Clinging to the post, she tried to pull out of the rush of pain-joy-need.
Blood, the taste of blood. She tasted coppery saltiness on her tongue and realized she’d bitten through her lip.
Stop.
This time the command was to herself.
She was human, not spirit. She could control her emotions. Drawing in tight to herself, Naelin concentrated on her own breath, feeling it enter her lungs and fill her. She focused on her skin, the limits of where her body was—she was here in the room, not split and sprawled across the palace.
Another scream, and more. Naelin ran across the room to the balcony doors and threw them open. Outside, it was as if a storm had hit the palace. The bodies of spirits darkened the sky, blocking the sun. They were twisting and cackling.
Below, she saw people running as the spirits dove for them.
They’re attacking! Why are they attacking?
The spirits couldn’t attack here, not in the presence of the queen. The palace should be the safest place in all Aratay. “Erian. Llor.” She spoke their names out loud as if that would work as a talisman, and then she ran for the door to the bedchambers. She had to reach them. She had to—
There was blood in the hallway, streaked down the wall.
A woman was huddled on the side. Her head was bent to her chest, and she was motionless. One arm was wrapped in vines that grew from the wall. The other arm had been shredded, and the bone gleamed through the red of her muscles. Blood pooled around her, seeping into the carpet. Naelin ran to her and then stopped. The woman was dead, no question.
A spirit had killed her. Here, in the palace.
This can’t be happening! This shouldn’t be possible!
And then something worse hit her:
What did I do . . . ?
She’d summoned the spirits here. What if . . .

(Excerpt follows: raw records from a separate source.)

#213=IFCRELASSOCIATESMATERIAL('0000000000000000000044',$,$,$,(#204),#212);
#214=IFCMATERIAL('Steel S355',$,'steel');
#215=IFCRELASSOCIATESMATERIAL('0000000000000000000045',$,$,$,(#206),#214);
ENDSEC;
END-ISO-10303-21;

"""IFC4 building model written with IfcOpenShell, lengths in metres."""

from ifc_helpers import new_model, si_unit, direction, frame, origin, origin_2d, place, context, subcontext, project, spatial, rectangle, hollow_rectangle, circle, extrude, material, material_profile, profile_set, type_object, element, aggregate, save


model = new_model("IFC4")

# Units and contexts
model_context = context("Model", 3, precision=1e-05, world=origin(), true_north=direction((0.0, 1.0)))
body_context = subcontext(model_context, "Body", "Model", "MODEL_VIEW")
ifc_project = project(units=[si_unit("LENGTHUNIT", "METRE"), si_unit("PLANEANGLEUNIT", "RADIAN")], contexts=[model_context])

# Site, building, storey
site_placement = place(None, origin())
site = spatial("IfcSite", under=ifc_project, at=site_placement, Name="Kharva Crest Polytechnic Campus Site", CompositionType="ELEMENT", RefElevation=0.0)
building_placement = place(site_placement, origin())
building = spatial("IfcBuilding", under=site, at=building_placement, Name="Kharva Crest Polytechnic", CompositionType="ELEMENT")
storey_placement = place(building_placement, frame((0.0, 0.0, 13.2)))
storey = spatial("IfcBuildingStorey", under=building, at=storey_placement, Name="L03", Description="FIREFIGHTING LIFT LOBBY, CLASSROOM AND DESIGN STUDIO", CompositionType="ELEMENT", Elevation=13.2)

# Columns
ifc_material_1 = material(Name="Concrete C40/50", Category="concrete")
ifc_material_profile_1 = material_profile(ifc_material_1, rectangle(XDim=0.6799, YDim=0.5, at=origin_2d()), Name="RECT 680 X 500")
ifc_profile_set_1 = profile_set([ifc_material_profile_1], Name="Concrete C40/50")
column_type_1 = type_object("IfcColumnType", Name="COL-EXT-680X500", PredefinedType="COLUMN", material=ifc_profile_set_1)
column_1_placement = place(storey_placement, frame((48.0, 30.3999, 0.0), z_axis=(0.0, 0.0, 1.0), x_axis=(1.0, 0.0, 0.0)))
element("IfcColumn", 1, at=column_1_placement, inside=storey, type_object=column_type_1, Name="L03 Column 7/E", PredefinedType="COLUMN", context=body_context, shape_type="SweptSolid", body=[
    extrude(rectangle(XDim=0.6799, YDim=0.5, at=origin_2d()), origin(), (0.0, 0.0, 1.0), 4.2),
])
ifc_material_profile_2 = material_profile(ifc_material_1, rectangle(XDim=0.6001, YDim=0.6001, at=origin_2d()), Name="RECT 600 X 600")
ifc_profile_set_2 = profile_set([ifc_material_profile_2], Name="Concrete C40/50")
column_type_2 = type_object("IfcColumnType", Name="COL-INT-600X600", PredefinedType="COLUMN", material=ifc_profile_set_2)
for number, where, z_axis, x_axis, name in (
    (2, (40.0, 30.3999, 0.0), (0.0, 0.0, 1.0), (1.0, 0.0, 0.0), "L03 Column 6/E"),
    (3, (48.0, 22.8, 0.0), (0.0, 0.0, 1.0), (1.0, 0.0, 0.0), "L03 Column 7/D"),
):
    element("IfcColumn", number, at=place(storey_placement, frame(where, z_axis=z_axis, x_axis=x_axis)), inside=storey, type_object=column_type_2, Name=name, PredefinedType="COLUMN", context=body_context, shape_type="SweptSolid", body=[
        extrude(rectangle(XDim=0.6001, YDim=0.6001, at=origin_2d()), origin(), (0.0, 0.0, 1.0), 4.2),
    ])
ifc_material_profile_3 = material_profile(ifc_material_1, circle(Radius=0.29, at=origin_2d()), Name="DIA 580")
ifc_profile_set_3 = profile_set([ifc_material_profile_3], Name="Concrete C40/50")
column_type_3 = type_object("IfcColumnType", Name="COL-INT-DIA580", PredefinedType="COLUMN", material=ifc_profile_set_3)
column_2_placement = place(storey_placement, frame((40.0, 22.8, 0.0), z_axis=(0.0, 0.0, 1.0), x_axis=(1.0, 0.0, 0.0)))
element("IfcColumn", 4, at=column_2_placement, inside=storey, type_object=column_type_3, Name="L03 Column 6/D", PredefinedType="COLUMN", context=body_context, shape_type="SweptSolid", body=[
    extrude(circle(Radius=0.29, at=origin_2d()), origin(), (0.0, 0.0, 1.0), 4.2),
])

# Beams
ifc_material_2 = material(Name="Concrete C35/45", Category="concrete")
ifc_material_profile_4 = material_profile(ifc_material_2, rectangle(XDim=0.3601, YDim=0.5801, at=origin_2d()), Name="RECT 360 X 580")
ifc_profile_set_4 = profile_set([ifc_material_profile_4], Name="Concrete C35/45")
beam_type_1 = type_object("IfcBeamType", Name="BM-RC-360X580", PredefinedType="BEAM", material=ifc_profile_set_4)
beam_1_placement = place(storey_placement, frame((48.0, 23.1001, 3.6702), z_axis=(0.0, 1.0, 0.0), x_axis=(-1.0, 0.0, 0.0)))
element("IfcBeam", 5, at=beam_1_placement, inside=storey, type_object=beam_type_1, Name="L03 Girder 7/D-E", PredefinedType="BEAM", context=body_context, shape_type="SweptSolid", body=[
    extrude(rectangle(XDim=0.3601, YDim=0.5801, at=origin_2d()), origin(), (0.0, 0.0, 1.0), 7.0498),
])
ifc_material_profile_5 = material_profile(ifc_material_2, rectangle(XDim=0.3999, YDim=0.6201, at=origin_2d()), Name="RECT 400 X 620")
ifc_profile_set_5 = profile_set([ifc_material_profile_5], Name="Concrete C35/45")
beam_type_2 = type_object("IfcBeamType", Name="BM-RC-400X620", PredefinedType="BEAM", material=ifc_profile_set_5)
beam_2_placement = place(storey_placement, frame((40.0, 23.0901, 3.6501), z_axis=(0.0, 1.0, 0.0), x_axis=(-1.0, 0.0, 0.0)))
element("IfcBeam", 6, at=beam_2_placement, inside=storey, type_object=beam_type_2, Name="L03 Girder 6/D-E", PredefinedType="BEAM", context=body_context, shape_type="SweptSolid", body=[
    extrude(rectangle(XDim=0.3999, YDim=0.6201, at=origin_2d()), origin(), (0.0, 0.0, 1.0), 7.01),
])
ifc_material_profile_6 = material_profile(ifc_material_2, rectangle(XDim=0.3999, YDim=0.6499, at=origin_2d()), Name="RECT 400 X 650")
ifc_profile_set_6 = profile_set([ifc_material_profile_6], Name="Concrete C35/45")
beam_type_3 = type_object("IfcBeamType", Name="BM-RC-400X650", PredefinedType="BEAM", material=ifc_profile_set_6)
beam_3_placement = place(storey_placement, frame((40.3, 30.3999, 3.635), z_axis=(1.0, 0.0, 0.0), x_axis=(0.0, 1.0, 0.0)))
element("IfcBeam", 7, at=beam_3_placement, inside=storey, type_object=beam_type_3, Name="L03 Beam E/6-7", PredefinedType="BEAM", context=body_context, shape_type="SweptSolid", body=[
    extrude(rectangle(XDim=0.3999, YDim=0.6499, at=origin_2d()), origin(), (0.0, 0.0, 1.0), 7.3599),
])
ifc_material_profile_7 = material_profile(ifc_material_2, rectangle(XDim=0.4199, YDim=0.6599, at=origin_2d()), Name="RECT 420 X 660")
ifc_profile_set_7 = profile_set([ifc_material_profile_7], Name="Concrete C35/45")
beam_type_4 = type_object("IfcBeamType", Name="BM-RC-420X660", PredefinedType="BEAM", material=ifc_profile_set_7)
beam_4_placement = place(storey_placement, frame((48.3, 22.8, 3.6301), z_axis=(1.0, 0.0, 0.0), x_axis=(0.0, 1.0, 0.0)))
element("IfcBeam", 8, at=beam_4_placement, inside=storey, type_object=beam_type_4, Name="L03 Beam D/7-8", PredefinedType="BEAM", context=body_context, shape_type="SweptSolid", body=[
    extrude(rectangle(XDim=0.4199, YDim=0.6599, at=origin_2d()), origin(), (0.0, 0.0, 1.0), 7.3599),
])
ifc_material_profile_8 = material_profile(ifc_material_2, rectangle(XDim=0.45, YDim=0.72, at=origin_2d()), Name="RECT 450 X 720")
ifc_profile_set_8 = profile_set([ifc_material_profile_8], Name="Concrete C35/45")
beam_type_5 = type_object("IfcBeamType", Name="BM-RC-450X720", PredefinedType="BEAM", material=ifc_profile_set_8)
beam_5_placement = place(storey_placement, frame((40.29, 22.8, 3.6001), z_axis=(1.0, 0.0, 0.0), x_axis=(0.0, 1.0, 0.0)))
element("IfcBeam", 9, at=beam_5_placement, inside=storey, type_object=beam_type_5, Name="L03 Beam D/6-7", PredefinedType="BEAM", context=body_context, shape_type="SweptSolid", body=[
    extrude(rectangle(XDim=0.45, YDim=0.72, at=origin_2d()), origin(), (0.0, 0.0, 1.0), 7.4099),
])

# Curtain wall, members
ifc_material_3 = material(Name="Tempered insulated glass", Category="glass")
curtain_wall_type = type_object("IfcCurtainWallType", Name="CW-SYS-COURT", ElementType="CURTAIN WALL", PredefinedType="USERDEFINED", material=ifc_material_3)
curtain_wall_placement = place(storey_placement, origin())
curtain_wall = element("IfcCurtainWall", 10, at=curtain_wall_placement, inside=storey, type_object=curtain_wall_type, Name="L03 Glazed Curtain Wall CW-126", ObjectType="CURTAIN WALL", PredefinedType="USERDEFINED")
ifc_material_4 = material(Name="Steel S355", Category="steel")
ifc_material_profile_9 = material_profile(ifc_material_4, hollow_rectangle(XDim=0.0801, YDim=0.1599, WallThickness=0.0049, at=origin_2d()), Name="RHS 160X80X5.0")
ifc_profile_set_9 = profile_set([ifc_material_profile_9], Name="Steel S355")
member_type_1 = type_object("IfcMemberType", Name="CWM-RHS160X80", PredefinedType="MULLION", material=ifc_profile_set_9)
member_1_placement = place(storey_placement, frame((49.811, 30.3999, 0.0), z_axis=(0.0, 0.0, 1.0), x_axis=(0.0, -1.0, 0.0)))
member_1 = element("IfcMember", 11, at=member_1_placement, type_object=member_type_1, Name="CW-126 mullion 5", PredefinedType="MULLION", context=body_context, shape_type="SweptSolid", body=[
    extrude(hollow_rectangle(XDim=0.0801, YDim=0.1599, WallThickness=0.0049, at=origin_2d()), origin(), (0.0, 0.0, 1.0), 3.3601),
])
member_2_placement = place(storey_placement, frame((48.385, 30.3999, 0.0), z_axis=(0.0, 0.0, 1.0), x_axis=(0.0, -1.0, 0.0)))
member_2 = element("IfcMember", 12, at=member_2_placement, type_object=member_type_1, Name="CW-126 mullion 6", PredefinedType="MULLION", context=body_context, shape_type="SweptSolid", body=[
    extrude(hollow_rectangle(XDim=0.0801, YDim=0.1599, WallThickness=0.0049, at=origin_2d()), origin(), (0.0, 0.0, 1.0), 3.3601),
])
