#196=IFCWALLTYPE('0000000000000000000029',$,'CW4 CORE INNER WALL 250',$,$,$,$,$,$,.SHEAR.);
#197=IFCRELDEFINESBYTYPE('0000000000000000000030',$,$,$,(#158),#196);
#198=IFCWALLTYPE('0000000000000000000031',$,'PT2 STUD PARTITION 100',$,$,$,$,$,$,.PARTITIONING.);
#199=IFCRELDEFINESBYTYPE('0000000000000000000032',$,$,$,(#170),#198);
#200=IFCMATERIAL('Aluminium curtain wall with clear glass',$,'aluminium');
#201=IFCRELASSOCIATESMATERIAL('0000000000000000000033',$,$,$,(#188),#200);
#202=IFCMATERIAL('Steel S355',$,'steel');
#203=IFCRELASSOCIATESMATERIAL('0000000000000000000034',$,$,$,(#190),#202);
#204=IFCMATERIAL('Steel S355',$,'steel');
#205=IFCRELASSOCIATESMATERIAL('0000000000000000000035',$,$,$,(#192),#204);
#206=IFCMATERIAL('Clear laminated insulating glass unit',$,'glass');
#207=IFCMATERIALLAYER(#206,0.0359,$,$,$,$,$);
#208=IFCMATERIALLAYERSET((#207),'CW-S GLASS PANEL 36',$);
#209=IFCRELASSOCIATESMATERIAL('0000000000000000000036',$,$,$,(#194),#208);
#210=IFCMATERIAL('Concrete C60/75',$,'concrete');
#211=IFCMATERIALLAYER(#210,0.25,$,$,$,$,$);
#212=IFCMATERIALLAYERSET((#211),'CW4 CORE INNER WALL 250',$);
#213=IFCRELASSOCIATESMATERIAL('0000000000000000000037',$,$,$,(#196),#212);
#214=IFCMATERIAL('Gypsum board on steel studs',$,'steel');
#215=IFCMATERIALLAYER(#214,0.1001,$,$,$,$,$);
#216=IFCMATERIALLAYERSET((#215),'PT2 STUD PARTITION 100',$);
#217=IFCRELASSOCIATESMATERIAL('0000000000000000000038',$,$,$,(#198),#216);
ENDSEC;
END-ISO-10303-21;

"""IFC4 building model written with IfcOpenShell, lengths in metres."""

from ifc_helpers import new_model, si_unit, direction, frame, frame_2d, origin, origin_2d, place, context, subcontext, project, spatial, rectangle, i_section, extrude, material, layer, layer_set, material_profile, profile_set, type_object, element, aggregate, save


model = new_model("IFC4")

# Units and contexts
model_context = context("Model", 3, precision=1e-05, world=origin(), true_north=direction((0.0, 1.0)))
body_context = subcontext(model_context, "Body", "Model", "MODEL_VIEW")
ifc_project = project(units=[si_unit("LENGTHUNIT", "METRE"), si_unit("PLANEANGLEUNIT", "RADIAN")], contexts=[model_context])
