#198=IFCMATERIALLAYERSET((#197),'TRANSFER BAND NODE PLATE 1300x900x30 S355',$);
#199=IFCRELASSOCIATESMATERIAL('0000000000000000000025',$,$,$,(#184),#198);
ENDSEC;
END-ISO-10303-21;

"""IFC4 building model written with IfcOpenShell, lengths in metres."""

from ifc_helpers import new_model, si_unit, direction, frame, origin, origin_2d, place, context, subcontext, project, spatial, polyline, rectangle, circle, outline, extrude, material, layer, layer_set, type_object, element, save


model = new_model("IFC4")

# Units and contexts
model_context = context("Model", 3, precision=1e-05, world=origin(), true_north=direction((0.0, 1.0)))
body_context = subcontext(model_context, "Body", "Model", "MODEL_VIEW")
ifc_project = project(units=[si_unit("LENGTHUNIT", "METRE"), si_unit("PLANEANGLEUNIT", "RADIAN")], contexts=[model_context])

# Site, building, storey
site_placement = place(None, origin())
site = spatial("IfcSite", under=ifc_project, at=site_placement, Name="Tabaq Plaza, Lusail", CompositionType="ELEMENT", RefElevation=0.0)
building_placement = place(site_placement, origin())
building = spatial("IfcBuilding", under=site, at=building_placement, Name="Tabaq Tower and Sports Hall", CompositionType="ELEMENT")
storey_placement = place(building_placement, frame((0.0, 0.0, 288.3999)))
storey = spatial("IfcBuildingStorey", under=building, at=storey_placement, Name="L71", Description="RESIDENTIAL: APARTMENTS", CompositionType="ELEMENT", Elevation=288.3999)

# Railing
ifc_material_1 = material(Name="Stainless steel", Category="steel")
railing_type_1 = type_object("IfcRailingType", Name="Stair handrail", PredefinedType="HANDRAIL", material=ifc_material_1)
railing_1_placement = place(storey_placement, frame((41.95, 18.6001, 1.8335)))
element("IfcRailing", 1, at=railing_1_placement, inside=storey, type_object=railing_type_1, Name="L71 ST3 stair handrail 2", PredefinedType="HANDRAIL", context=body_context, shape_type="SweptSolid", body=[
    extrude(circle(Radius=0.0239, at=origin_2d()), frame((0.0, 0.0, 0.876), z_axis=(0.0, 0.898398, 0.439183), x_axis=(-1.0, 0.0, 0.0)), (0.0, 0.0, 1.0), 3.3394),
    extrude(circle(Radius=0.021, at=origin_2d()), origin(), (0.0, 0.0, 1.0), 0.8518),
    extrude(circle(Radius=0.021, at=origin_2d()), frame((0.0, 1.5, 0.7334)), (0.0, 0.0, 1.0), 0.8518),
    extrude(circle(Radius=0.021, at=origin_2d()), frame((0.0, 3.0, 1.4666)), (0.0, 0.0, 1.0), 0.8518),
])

She heard more screams ahead of her, from the stairwell. Erian and Llor were five flights down. Naelin ran toward the stairs. She thrust her mind ahead of her and felt a knot of spirits. They were caught in the same frenzied whirlwind of joy and pain. One, a water spirit, was causing water to spill through a window and cascade down the stairs in a waterfall. An ice spirit followed in its wake, freezing the water, while a tree spirit caused the ceiling of the stairwell to sprout thorns.
She plowed her mind into them. STOP!
For an instant, they paused, but they were vibrating, as if she were holding them steady through sheer force of will, and she was certain that if she stopped broadcasting the command, they’d break free. She wasn’t going to let them. I drew them all here; this is my fault. She broadcast the command as she ran down the stairs and through a pack of three fire spirits. Past them, she released them and threw her mind to the next spirit.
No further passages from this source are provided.